Historic house in Ohio, United States

The Gorham A. Worth House is a historic residence in the Mount Auburn neighborhood of Cincinnati, Ohio, United States. Located atop a hill along Auburncrest Avenue, the house was built in 1819 in a version of the Federal style of architecture.

Gorham A. Worth purchased rural property northeast of the village of Cincinnati in 1818. He had settled in Hamilton County one year previously, having been named the cashier of the Cincinnati branch of the Bank of the United States. By the end of the following year, he had constructed the present two-story frame structure. Composed of a central structure, wings on each side, and a rear ell, the house features a large, five-bay porch around its entrance; among the distinctive elements of this porch are wooden columns crafted in the Tuscan order. The design of the main entrance closely resembles that of the grand Baum-Taft House in Lytle Park, which was constructed in the following year. Among the Worth House's later residents were the family of a locally prominent man, Robert McGregor; he was the namesake for a nearby street, McGregor Avenue, and he was of sufficient social status that his daughter was able to meet Albert, Prince of Wales, during his mid-century visit to the United States.

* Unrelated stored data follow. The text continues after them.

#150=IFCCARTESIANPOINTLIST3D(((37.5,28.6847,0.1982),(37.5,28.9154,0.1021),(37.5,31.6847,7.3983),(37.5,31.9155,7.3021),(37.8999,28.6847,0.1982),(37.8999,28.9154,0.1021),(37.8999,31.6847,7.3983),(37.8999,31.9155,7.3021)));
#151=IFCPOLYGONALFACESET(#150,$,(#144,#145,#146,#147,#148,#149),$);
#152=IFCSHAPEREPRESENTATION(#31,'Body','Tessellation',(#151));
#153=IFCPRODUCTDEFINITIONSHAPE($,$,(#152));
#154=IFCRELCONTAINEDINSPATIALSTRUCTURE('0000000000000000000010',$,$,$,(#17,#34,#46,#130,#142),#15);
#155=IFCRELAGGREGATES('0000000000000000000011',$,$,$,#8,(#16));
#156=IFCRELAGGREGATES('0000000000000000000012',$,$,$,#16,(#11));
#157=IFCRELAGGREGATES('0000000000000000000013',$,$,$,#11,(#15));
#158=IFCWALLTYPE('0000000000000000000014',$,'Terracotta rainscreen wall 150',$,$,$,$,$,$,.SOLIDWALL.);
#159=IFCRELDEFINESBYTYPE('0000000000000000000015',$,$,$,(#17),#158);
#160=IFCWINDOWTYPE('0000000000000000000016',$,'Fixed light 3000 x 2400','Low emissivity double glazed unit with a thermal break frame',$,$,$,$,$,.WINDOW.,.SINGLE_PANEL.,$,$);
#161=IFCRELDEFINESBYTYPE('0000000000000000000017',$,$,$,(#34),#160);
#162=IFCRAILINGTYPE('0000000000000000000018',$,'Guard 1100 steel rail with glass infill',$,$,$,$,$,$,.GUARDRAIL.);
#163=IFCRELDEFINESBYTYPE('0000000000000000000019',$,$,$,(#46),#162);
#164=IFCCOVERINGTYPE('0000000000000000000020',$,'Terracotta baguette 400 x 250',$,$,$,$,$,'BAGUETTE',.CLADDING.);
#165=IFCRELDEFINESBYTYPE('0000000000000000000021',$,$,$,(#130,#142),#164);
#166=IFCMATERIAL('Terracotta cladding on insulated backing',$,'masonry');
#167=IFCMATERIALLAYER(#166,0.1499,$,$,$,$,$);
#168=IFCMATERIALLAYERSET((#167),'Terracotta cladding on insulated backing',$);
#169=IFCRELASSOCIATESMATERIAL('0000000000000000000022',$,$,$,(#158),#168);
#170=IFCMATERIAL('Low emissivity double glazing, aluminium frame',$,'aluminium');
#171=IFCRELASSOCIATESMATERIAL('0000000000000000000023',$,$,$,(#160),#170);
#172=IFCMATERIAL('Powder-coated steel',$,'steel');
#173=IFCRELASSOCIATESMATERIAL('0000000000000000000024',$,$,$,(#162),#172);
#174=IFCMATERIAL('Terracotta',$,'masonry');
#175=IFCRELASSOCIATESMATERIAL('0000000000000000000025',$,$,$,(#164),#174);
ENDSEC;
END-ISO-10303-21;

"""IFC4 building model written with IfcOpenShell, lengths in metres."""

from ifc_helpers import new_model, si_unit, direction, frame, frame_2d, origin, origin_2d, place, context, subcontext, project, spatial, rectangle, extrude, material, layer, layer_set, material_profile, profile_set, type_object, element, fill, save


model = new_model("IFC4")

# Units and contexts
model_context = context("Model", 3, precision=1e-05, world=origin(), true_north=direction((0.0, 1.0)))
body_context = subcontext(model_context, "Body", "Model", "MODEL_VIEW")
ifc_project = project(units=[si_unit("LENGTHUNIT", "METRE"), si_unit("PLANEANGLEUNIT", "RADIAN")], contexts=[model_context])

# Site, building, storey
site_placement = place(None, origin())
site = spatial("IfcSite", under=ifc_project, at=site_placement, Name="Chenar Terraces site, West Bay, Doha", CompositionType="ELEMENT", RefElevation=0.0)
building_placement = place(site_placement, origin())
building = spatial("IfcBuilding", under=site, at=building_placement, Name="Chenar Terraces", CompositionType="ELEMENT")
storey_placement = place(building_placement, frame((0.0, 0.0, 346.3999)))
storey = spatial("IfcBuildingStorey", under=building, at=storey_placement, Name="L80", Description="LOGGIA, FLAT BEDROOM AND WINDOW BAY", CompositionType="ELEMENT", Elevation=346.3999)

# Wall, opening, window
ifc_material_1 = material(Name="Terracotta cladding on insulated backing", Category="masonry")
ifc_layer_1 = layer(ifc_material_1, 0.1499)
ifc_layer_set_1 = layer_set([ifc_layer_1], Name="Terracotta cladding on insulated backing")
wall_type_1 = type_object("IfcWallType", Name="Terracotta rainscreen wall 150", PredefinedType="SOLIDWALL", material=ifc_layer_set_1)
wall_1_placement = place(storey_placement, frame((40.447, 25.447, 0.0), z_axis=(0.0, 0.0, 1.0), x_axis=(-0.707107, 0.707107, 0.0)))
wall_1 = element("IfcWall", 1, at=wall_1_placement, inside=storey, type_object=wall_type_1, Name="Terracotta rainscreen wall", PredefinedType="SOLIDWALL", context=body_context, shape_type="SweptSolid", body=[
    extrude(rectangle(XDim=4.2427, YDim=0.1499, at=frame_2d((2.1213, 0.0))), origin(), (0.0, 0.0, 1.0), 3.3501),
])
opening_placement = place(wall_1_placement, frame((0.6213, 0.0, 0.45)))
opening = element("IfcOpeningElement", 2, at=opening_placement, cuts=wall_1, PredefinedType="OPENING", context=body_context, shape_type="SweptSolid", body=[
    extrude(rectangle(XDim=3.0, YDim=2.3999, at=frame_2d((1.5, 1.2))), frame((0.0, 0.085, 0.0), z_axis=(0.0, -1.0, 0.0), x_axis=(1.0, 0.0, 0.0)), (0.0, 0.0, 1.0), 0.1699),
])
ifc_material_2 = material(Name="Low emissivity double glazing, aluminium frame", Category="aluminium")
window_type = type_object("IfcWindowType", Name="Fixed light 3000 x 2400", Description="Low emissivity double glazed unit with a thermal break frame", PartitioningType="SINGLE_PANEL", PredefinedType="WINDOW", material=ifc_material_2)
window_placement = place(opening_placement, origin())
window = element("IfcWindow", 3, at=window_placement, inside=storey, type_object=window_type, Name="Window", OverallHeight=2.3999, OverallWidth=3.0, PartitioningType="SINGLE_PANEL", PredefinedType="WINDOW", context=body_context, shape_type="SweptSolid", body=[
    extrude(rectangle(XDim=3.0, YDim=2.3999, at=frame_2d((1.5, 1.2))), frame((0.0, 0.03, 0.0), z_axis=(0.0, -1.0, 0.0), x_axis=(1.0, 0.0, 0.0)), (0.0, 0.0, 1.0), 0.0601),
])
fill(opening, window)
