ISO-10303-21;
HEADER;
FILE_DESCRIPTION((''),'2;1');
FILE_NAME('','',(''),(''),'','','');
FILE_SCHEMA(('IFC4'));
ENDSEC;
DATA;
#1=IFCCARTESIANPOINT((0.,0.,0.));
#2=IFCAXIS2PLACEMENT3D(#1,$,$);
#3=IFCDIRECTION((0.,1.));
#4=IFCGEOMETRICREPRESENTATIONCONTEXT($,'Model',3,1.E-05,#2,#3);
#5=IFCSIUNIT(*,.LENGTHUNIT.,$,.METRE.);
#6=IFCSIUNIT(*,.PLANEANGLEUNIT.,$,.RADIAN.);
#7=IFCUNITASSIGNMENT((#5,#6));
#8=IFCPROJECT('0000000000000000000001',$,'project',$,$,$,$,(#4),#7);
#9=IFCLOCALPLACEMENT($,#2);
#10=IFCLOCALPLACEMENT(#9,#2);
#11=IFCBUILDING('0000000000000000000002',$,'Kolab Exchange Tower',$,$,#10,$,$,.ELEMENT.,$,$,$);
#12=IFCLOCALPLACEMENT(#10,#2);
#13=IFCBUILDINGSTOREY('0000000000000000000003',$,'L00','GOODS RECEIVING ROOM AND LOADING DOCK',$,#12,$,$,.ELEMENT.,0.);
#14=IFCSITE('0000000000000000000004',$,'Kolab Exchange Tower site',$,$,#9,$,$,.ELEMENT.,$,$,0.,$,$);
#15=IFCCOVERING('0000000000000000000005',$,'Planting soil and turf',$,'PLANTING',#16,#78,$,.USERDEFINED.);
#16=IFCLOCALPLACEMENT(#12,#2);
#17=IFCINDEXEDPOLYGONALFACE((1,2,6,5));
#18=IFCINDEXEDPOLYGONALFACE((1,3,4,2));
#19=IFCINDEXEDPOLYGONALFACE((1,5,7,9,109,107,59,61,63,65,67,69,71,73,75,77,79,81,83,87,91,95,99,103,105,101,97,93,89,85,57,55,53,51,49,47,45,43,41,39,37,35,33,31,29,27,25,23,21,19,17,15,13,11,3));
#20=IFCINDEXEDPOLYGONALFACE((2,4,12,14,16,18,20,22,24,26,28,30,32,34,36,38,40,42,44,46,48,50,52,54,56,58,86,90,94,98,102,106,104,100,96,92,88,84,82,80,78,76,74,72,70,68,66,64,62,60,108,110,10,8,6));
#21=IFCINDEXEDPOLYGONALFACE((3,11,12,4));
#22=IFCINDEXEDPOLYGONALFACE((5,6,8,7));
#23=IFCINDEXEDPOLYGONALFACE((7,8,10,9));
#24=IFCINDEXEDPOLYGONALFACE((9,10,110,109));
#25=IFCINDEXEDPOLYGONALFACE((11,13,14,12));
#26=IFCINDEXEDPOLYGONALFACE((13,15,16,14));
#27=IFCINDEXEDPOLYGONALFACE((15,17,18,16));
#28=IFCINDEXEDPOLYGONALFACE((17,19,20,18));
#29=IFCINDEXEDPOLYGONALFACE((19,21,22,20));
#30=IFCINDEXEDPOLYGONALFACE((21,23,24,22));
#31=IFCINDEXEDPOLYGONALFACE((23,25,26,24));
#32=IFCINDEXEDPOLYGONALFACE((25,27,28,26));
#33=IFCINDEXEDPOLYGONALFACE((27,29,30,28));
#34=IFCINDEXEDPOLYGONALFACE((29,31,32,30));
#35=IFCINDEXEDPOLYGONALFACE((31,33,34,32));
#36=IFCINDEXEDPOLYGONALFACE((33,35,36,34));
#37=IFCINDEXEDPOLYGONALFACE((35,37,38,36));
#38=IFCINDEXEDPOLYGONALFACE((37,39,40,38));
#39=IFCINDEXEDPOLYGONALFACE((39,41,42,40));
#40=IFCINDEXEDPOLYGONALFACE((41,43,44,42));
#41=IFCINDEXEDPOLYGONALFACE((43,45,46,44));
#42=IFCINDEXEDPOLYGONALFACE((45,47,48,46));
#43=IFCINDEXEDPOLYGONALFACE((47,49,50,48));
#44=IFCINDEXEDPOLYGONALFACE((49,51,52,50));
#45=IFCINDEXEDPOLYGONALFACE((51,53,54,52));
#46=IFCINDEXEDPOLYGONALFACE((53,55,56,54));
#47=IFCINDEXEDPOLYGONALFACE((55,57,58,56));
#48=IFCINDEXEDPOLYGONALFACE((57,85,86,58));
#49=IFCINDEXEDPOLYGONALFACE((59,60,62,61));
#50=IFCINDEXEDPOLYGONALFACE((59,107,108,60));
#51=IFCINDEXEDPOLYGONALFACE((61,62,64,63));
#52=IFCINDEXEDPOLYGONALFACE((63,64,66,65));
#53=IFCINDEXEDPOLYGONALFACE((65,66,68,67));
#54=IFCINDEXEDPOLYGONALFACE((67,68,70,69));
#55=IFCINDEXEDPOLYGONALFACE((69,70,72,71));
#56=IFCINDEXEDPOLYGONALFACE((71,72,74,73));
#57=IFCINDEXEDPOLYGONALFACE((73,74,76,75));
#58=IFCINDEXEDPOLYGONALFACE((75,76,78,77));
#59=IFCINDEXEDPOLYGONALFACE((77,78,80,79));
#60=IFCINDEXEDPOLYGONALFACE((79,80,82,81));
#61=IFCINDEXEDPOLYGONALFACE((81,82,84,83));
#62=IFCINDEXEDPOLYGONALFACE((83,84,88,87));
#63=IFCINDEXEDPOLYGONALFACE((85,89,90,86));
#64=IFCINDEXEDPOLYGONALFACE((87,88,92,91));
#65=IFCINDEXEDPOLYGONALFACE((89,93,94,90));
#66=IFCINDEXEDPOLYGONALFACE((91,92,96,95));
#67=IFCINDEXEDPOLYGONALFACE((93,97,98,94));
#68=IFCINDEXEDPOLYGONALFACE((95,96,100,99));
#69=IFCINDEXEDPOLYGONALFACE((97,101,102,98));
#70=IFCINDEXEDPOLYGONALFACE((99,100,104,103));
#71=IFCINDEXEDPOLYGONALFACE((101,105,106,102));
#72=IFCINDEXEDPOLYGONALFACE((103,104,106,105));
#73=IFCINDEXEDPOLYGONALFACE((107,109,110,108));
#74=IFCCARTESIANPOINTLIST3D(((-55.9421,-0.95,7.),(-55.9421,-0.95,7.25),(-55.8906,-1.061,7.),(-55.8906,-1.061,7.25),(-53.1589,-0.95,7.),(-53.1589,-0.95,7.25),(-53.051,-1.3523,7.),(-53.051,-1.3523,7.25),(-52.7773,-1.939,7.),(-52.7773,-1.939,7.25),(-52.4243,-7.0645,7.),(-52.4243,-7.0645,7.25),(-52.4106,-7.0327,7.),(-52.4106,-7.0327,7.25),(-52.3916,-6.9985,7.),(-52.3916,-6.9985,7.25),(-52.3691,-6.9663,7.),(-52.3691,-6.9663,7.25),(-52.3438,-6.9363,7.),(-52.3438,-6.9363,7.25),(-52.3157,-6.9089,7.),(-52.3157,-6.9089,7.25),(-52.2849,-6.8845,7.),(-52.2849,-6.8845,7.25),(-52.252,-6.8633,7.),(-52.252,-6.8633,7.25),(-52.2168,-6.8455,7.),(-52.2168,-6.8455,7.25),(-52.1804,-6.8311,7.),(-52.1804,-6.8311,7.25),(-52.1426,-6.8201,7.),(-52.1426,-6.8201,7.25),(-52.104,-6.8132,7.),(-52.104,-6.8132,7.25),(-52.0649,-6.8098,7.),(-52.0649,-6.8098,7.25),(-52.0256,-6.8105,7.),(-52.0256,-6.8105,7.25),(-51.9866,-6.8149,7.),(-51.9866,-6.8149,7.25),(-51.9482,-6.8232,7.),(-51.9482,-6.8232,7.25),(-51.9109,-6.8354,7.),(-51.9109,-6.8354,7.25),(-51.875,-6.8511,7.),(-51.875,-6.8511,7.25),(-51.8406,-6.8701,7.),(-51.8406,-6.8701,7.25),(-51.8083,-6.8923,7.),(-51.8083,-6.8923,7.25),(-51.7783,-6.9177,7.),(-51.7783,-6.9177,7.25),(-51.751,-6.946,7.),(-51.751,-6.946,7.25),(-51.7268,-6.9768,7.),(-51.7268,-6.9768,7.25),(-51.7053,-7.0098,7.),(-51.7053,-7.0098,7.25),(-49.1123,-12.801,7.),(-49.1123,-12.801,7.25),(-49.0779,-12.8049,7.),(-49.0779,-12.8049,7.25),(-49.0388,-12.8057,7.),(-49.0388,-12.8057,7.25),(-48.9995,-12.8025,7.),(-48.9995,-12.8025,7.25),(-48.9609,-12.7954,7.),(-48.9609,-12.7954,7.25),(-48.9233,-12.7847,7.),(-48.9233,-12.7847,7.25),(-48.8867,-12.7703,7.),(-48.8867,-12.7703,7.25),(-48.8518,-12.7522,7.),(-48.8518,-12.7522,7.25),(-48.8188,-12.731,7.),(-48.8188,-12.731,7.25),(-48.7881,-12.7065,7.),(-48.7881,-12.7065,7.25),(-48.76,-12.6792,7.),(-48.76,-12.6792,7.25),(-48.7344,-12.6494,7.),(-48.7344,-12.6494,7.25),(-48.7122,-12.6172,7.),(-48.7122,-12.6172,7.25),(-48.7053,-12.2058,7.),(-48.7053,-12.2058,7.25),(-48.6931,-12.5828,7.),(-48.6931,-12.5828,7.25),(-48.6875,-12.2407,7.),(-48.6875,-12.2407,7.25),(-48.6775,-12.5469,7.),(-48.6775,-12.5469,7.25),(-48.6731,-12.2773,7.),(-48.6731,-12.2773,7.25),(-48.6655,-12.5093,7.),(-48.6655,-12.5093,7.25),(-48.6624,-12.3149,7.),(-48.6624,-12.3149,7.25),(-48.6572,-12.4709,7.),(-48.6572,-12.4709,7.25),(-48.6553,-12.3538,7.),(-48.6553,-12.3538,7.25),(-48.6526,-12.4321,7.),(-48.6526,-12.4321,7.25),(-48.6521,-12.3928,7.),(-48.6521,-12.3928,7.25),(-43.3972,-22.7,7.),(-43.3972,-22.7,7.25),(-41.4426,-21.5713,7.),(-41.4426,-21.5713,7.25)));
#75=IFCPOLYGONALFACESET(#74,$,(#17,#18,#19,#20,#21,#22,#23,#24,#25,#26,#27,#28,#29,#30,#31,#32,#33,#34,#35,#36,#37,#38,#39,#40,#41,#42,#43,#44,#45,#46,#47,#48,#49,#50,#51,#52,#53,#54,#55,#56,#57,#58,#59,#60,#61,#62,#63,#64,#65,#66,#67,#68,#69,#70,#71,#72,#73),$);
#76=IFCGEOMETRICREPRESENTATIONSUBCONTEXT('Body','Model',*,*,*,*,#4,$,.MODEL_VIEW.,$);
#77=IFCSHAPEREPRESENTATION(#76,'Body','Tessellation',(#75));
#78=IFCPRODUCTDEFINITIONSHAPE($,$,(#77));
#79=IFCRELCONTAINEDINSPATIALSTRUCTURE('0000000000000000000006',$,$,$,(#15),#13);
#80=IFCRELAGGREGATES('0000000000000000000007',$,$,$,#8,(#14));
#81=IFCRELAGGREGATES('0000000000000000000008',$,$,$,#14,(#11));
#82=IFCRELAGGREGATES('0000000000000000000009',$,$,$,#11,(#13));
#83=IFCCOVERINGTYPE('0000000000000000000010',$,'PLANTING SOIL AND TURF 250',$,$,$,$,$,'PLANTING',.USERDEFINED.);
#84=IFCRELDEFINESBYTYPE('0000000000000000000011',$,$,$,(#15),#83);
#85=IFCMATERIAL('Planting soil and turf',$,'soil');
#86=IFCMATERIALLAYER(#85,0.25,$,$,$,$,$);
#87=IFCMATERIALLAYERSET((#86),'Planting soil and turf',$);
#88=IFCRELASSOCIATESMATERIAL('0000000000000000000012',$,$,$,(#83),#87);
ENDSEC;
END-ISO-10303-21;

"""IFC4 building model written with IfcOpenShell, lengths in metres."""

from ifc_helpers import new_model, si_unit, direction, frame, origin, place, context, subcontext, project, spatial, polyline, outline, extrude, material, layer, layer_set, type_object, element, save


model = new_model("IFC4")

# Units and contexts
model_context = context("Model", 3, precision=1e-05, world=origin(), true_north=direction((0.0, 1.0)))
body_context = subcontext(model_context, "Body", "Model", "MODEL_VIEW")
ifc_project = project(units=[si_unit("LENGTHUNIT", "METRE"), si_unit("PLANEANGLEUNIT", "RADIAN")], contexts=[model_context])

# Site, building, storey
site_placement = place(None, origin())
site = spatial("IfcSite", under=ifc_project, at=site_placement, Name="Kolab Exchange Tower site", CompositionType="ELEMENT", RefElevation=0.0)
building_placement = place(site_placement, origin())
building = spatial("IfcBuilding", under=site, at=building_placement, Name="Kolab Exchange Tower", CompositionType="ELEMENT")
storey_placement = place(building_placement, origin())
storey = spatial("IfcBuildingStorey", under=building, at=storey_placement, Name="L00", Description="GOODS RECEIVING ROOM AND LOADING DOCK", CompositionType="ELEMENT", Elevation=0.0)

# Covering
ifc_material_1 = material(Name="Planting soil and turf", Category="soil")
ifc_layer_1 = layer(ifc_material_1, 0.25)
ifc_layer_set_1 = layer_set([ifc_layer_1], Name="Planting soil and turf")
covering_type_1 = type_object("IfcCoveringType", Name="PLANTING SOIL AND TURF 250", ElementType="PLANTING", PredefinedType="USERDEFINED", material=ifc_layer_set_1)
covering_1_placement = place(storey_placement, frame((0.0, 0.0, 7.0)))
element("IfcCovering", 1, at=covering_1_placement, inside=storey, type_object=covering_type_1, Name="Planting soil and turf", ObjectType="PLANTING", PredefinedType="USERDEFINED", context=body_context, shape_type="SweptSolid", body=[
    extrude(outline(polyline([(-53.1589, -0.95), (-53.051, -1.3523), (-52.7773, -1.939), (-41.4426, -21.5713), (-43.3972, -22.7), (-49.1123, -12.801), (-49.0779, -12.8049), (-49.0388, -12.8057), (-48.9995, -12.8025), (-48.9609, -12.7954), (-48.9233, -12.7847), (-48.8867, -12.7703), (-48.8518, -12.7522), (-48.8188, -12.731), (-48.7881, -12.7065), (-48.76, -12.6792), (-48.7344, -12.6494), (-48.7122, -12.6172), (-48.6931, -12.5828), (-48.6775, -12.5469), (-48.6655, -12.5093), (-48.6572, -12.4709), (-48.6526, -12.4321), (-48.6521, -12.3928), (-48.6553, -12.3538), (-48.6624, -12.3149), (-48.6731, -12.2773), (-48.6875, -12.2407), (-48.7053, -12.2058), (-51.7053, -7.0098), (-51.7268, -6.9768), (-51.751, -6.946), (-51.7783, -6.9177), (-51.8083, -6.8923), (-51.8406, -6.8701), (-51.875, -6.8511), (-51.9109, -6.8354), (-51.9482, -6.8232), (-51.9866, -6.8149), (-52.0256, -6.8105), (-52.0649, -6.8098), (-52.104, -6.8132), (-52.1426, -6.8201), (-52.1804, -6.8311), (-52.2168, -6.8455), (-52.252, -6.8633), (-52.2849, -6.8845), (-52.3157, -6.9089), (-52.3438, -6.9363), (-52.3691, -6.9663), (-52.3916, -6.9985), (-52.4106, -7.0327), (-52.4243, -7.0645), (-55.8906, -1.061), (-55.9421, -0.95), (-53.1589, -0.95)])), origin(), (0.0, 0.0, 1.0), 0.25),
])

save(model, "model.ifc")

After the McGregors, the house was home to the family of Guy Ward Mallon, a significant figure in the history of Ohio's political structure; he was responsible for introducing the Australian ballot into Ohio elections, for pioneering the effort to reorganize Cincinnati's city charter, and for writing a popular guide to elections.

One of the first houses to be built on Mount Auburn, the Gorham A. Worth House was listed on the National Register of Historic Places in 1973. It qualified for inclusion on the Register because of its well-preserved historic architecture, which was deemed to be significant throughout Ohio.